Busting myths about muslims : The Tribune India

Join Whatsapp Channel

Book Review: Islam is Good: Muslims should follow it by Sanjiv Bhatla.

Busting myths about muslims

It is risky to expound on Islam at a time when the ruling arrangement is consciously engaged in politically marginalising the Muslim community.

Busting myths about muslims

Aiding the have-nots: Poor labourers sit outside a restaurant in Chandni Chowk, Old Delhi, waiting for food. Zakat or charity is one of the five tenets of Islam Photo: Mukesh Aggarwal



Sandeep Dikshit

It is risky to expound on Islam at a time when the ruling arrangement is consciously engaged in politically marginalising the Muslim community. Sanjiv Bhatla, after lukewarm turns at poetry and fiction writing, is not just made of sterner stuff but seems to have imbibed his Islam well. Only a person who takes a deep draught of any philosophy — from Marxism to Zoroastrian — can feel confident of appreciating its original message. And only a person convinced about the message from that philosophy ventures to explore its larger implications and limitations. Bhatla attempts both which explains his clarity about Islam and the need for its adherents to follow its holy book, the Koran.

Indians are no strangers to different strands of religions that have made the region their home and adapted to its customs and traditions. They also know there is no monolithic religion despite near-continuous attempts by zealots of various faiths to mould the rest in line with their personnel vision of a particular religion. A philosophy takes a generation of scholarship to grasp. The task is beyond this book and its author. There is a wealth of brilliant reads on Islam in, perhaps, every language. Instead, this one excels at busting many myths and misconceptions.

As Bhatla begins to trace the beginnings of Islam, it becomes clear how a near-pristine faith developed its many offshoots. It is the frailty of the leaders who followed Muhammad and the four “rightly guided” caliphs and their desire to shun consultative arrangements to elect the fifth caliph that brought about a schism today known as the Shia-Sunni divide. 
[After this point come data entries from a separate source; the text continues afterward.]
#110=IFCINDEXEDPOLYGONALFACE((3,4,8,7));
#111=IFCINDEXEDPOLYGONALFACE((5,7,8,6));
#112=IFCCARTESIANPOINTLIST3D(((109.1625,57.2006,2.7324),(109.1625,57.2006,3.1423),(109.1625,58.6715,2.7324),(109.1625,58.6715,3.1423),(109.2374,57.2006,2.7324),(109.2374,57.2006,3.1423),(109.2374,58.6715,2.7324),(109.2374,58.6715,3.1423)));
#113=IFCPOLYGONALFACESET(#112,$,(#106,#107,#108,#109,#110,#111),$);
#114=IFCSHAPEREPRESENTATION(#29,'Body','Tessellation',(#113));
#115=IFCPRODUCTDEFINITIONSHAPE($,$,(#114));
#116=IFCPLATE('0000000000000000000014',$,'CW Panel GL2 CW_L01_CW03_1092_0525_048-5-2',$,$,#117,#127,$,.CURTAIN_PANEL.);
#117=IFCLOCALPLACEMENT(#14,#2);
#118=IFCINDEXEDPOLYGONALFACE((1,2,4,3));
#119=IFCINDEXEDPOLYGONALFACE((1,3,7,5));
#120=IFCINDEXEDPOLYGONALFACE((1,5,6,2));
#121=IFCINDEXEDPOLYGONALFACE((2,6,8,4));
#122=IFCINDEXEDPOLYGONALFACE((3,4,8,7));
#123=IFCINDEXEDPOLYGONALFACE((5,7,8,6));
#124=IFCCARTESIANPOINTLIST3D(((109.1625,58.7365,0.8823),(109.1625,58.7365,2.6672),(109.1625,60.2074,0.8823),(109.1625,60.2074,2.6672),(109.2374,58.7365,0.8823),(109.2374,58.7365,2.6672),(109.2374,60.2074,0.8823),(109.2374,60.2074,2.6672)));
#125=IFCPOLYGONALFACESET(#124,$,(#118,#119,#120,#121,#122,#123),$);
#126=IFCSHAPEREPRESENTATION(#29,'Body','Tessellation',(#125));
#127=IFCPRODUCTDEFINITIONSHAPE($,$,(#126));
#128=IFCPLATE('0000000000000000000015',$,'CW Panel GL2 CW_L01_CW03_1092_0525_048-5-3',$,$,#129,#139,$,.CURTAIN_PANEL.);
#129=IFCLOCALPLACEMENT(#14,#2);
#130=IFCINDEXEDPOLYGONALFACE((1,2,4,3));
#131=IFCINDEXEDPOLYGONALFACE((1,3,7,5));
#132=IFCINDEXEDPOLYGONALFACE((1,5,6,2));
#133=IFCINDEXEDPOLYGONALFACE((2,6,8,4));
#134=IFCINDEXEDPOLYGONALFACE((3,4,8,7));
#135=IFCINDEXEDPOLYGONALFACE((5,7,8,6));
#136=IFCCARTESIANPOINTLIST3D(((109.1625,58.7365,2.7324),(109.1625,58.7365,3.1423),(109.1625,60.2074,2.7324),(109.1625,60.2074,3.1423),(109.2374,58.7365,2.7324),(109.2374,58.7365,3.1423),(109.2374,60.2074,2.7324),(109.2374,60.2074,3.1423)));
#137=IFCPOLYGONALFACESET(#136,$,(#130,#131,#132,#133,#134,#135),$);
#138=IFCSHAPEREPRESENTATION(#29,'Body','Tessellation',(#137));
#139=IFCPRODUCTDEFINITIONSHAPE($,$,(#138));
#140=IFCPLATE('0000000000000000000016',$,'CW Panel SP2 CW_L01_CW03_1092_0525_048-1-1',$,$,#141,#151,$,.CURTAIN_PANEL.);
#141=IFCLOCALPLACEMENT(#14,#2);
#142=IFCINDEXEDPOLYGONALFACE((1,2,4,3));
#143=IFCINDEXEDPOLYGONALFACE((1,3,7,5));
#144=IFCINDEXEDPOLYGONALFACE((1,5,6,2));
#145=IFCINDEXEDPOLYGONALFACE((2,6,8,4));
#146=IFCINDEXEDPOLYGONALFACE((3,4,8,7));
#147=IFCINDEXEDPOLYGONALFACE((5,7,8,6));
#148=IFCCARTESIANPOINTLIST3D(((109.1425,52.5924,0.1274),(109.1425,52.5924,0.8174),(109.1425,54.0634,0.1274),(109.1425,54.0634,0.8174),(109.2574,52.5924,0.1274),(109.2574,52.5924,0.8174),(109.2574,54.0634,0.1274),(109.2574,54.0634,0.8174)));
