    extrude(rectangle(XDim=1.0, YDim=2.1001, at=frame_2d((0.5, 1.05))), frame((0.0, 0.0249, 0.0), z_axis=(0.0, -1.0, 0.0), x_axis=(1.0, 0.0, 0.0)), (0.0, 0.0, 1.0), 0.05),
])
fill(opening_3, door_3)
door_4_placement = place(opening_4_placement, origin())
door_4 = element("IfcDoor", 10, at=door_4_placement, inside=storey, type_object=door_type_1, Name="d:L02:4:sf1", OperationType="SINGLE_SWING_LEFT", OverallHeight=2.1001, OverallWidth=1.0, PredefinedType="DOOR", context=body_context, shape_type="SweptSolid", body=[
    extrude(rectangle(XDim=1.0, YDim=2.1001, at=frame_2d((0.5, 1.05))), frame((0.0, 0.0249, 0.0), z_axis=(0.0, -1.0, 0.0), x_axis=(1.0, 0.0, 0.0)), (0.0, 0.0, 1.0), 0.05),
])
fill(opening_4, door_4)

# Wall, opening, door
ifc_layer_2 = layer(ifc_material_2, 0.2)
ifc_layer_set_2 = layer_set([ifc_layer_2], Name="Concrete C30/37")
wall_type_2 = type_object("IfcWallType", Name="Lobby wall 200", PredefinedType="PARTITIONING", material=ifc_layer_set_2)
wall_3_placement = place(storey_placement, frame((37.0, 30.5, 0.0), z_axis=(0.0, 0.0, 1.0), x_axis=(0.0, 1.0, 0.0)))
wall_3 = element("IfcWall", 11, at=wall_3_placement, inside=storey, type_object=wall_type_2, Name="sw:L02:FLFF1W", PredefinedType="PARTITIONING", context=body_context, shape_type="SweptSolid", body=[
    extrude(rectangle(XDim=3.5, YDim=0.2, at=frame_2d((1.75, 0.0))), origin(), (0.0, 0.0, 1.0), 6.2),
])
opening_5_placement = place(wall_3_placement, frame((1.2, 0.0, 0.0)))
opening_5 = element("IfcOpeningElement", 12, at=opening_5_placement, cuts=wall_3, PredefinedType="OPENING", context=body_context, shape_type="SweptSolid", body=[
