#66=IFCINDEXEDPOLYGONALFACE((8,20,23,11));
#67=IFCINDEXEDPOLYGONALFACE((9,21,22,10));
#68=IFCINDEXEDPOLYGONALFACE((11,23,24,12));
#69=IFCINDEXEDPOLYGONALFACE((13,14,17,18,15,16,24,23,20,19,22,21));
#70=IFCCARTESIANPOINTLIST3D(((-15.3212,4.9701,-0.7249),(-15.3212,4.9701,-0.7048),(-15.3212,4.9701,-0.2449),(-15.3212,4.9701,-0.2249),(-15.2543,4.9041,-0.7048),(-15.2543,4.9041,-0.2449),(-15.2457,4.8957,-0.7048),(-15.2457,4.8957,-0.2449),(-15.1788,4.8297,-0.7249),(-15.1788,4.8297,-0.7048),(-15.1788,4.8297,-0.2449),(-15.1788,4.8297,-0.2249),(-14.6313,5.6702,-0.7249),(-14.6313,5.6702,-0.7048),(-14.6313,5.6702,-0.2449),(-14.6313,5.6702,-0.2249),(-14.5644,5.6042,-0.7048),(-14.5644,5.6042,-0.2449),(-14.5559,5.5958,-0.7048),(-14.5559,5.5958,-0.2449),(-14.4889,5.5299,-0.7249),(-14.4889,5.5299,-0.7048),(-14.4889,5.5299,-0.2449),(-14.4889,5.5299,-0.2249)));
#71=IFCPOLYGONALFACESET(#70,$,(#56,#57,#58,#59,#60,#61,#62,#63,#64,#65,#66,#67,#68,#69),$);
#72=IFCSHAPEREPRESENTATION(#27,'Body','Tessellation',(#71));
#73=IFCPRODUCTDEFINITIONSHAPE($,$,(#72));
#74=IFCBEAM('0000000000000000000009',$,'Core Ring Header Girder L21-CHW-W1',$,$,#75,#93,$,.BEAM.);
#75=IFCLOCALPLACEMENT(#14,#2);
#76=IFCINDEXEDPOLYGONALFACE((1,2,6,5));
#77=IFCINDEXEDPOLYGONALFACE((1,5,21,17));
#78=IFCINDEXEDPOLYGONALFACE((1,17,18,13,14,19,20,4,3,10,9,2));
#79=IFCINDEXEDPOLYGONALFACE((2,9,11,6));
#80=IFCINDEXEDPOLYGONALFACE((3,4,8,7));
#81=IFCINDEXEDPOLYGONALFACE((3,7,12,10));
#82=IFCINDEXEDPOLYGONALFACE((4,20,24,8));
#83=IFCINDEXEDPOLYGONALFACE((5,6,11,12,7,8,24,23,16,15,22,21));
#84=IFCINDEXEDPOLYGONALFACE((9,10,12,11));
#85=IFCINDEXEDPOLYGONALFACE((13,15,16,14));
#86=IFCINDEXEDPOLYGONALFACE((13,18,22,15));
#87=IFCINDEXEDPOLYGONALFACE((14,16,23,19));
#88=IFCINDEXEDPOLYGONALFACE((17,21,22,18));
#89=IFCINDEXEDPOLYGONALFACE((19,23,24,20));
The early Muslims did not harbour any ill will towards the Jews even though the killing of 800 Jews of Banu Qurayza tribe has been highlighted. When put in the proper historical setting, it emerges that the Jewish tribe in question had betrayed a then-struggling Mohammad, not once but three times. A large part of Muhammad’s struggle to establish Islam, in fact, was studded by several instances where he forswore bloodshed or vengeance. 

The story about the beginning of Islam unfolds with its many coloured views. It is exciting and exhausting. Each turn of events contains a lesson. Many incidents can only be understood in their specific geographical and historical perspective, set almost 700 years ago in a society that was primitive and unlettered. And it was this savage society that Muhammad set out to reform with great success. This successful retelling of those events will be useful for anyone wanting to set out in the world with an unjaundiced view of its fellow adherents of Islam: from the actual chronology of Muhammad’s many marriages and why it was so; or why did the poor in most parts of the world gravitate to Islam, just as they had turned to Christianity some 600 years earlier.
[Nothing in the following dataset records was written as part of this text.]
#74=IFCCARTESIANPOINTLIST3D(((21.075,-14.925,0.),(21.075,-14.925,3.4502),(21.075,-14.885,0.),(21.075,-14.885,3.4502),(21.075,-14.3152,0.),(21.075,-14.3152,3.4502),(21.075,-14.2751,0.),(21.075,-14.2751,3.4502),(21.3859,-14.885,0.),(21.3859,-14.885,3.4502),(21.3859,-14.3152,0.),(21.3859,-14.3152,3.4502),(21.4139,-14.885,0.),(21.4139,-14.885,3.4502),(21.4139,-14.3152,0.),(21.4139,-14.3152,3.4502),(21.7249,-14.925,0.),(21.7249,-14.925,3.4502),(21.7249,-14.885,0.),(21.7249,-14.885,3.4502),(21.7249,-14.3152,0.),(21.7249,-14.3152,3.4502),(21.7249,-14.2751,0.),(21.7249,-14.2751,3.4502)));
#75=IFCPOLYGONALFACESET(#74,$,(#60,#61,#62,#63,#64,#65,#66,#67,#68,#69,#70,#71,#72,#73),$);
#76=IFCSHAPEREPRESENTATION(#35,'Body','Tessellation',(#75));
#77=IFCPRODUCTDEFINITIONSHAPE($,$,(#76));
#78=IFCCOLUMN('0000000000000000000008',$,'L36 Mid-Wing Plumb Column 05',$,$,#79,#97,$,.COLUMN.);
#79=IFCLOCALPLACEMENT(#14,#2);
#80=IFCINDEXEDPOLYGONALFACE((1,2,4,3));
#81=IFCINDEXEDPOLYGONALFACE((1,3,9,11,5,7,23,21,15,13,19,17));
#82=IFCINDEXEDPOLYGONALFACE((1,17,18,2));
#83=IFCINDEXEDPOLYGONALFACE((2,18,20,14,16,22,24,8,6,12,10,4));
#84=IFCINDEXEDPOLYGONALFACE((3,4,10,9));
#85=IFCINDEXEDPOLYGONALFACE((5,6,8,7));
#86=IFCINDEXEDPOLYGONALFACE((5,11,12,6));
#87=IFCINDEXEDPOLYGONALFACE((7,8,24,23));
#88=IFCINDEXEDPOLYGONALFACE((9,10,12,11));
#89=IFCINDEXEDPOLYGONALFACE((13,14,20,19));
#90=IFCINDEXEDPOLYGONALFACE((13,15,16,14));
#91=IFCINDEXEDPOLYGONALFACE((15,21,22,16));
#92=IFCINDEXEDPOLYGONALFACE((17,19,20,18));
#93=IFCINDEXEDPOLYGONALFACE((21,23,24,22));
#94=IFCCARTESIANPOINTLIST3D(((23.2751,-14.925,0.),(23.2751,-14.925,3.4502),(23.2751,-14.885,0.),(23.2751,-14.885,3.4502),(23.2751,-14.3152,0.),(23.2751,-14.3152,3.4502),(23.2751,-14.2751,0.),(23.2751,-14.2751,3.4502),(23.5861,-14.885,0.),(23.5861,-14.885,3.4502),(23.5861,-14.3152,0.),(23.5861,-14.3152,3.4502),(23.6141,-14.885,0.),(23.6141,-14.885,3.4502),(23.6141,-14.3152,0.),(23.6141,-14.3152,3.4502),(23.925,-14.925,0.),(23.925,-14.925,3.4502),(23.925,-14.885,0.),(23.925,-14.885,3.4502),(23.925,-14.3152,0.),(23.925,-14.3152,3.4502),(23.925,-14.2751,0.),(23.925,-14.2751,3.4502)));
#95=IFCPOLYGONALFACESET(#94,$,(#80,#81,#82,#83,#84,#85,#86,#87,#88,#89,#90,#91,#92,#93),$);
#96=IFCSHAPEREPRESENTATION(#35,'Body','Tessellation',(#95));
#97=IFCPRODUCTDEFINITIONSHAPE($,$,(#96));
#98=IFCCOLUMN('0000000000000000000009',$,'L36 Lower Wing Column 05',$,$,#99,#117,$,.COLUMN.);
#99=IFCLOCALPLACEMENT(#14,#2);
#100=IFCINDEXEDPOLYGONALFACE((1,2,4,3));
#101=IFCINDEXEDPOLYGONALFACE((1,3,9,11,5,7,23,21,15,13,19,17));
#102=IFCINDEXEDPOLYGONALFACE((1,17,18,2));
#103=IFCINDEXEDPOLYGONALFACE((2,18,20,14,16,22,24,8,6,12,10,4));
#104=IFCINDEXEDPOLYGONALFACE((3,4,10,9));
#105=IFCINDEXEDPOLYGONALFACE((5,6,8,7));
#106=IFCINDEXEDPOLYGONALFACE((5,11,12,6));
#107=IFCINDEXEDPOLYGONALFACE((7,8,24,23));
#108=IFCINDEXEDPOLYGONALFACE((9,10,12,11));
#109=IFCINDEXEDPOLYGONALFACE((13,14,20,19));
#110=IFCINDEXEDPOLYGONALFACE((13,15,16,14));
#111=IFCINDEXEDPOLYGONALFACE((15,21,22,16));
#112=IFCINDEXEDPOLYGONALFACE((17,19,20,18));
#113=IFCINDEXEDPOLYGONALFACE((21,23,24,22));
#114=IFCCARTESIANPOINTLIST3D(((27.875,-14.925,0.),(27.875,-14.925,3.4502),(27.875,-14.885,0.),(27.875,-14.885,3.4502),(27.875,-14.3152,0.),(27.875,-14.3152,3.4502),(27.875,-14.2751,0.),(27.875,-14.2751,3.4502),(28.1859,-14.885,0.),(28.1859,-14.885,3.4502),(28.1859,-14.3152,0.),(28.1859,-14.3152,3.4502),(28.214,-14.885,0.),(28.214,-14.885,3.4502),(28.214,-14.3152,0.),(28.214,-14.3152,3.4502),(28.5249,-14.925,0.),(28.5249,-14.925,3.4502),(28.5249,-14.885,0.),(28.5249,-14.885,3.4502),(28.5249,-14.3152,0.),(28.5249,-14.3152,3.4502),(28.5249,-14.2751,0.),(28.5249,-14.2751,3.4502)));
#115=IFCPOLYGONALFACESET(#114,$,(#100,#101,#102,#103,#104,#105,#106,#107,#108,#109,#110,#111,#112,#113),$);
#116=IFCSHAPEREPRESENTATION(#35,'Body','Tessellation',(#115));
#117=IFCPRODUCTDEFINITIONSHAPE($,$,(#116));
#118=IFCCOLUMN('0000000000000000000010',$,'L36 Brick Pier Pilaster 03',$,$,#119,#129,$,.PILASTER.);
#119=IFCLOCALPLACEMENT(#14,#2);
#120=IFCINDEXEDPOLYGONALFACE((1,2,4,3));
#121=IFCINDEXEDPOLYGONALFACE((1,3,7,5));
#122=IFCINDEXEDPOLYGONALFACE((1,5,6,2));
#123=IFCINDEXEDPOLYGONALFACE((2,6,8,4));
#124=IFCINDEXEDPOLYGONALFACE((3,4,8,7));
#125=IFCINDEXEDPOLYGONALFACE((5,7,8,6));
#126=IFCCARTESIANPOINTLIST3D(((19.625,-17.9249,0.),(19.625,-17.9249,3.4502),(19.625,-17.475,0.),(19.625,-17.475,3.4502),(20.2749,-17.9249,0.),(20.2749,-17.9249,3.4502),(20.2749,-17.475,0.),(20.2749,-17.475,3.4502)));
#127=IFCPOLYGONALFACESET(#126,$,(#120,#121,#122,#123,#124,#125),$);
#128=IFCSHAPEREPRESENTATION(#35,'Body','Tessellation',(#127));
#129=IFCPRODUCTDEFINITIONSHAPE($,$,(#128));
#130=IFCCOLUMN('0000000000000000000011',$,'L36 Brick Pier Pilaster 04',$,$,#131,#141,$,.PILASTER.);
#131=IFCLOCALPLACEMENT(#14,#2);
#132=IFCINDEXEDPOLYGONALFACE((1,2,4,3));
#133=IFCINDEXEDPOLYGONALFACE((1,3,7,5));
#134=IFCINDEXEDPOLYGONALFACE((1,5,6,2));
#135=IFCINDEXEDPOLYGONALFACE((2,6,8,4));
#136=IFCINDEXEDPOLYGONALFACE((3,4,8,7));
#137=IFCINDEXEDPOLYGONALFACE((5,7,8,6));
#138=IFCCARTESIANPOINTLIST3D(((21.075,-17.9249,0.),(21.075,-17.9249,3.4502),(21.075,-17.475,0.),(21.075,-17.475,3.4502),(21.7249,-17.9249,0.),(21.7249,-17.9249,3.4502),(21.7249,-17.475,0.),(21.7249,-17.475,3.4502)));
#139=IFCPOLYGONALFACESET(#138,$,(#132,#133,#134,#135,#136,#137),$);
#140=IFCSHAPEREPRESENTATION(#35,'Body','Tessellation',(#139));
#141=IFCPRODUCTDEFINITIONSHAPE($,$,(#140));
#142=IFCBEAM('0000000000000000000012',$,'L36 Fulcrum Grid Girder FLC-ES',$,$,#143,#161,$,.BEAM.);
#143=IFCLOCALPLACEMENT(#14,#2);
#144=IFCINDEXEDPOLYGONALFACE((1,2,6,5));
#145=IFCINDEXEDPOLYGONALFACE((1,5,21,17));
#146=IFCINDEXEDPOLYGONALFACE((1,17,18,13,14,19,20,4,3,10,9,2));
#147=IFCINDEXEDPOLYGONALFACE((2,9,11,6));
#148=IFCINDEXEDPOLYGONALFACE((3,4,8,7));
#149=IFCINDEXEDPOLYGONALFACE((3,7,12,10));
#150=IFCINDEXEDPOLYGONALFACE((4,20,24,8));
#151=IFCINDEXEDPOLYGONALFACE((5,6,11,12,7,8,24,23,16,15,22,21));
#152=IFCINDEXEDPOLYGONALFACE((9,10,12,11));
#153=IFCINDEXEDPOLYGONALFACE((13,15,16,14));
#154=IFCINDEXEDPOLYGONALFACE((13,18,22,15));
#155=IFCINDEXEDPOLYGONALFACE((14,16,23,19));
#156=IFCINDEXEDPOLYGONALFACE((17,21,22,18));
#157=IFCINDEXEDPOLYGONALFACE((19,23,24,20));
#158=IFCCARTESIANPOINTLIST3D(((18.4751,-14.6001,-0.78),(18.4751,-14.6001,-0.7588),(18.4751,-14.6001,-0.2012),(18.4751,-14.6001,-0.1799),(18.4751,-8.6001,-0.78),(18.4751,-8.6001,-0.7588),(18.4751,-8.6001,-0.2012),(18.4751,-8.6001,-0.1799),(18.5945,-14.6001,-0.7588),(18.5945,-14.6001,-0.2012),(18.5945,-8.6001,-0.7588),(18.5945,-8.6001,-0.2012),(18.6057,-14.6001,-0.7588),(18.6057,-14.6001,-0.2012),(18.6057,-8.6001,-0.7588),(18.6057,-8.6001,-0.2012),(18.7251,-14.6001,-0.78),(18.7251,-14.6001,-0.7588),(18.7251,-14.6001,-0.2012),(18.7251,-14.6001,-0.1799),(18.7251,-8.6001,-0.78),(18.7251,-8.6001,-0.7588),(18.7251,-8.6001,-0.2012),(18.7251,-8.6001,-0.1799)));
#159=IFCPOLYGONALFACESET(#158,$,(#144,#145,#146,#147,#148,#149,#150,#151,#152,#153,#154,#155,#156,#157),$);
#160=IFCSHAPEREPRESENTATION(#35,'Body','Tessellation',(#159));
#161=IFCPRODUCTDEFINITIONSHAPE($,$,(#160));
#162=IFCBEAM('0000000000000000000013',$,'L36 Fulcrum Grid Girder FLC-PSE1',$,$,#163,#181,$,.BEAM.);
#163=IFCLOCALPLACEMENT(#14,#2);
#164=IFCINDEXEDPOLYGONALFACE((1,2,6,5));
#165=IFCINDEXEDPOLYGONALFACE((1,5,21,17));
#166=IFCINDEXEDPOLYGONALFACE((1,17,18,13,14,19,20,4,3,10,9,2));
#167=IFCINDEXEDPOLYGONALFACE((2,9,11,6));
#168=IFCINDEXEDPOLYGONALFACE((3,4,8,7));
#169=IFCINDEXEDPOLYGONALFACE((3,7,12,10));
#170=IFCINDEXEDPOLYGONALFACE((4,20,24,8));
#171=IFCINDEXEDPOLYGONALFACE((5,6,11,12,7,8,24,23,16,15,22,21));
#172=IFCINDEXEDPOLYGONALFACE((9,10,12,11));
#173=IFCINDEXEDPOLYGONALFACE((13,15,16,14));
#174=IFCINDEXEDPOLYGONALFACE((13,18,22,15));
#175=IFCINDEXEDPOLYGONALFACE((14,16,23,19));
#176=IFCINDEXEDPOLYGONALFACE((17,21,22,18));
The retelling of The Koran should have formally ended with the passing away of Mohammad and his four rightly guided caliphs. But the book soldiers on to cast an eye on Islam after Mohammed, especially the rapid spread of the religion, some of it stained by the blood of the capitulated on the swords; the aggression brought upon not because of the Book but driven by an equal mix of avarice and zealotry of the rulers.

Stereotypes fall by the wayside, such as the one on burkha. It was not an original injunction but the later work of the same “suspicious male mind that invented the chastity belt (in Christianity)” or the one that Islam has always treated its women badly. Not so: (i) Meher or dowry to the bride stemmed female infanticide; (ii) Inheritance rights to women; (iii) Allowing them easy divorce; and, (iv) Sweeping rights to widows. What about the men who are allowed to marry four times? Muhammad may have made this provision considering the fact that he had already angered the male elders by his revolutionary freedom to women. Also most of the multiple marriages in Mohammad’s inner circle were to provide social support to widows of heroes who had fallen in battle. This upper limit also put an end to footloose kind of polygamy. 

As with the treatment of women or dealings with non-Muslims, distortions took place in countries ruled by authoritarians, not because of any infirmities in the philosophy but because the rulers adopted short cuts to stay in power by misinterpreting and misquoting the religion’s original intentions.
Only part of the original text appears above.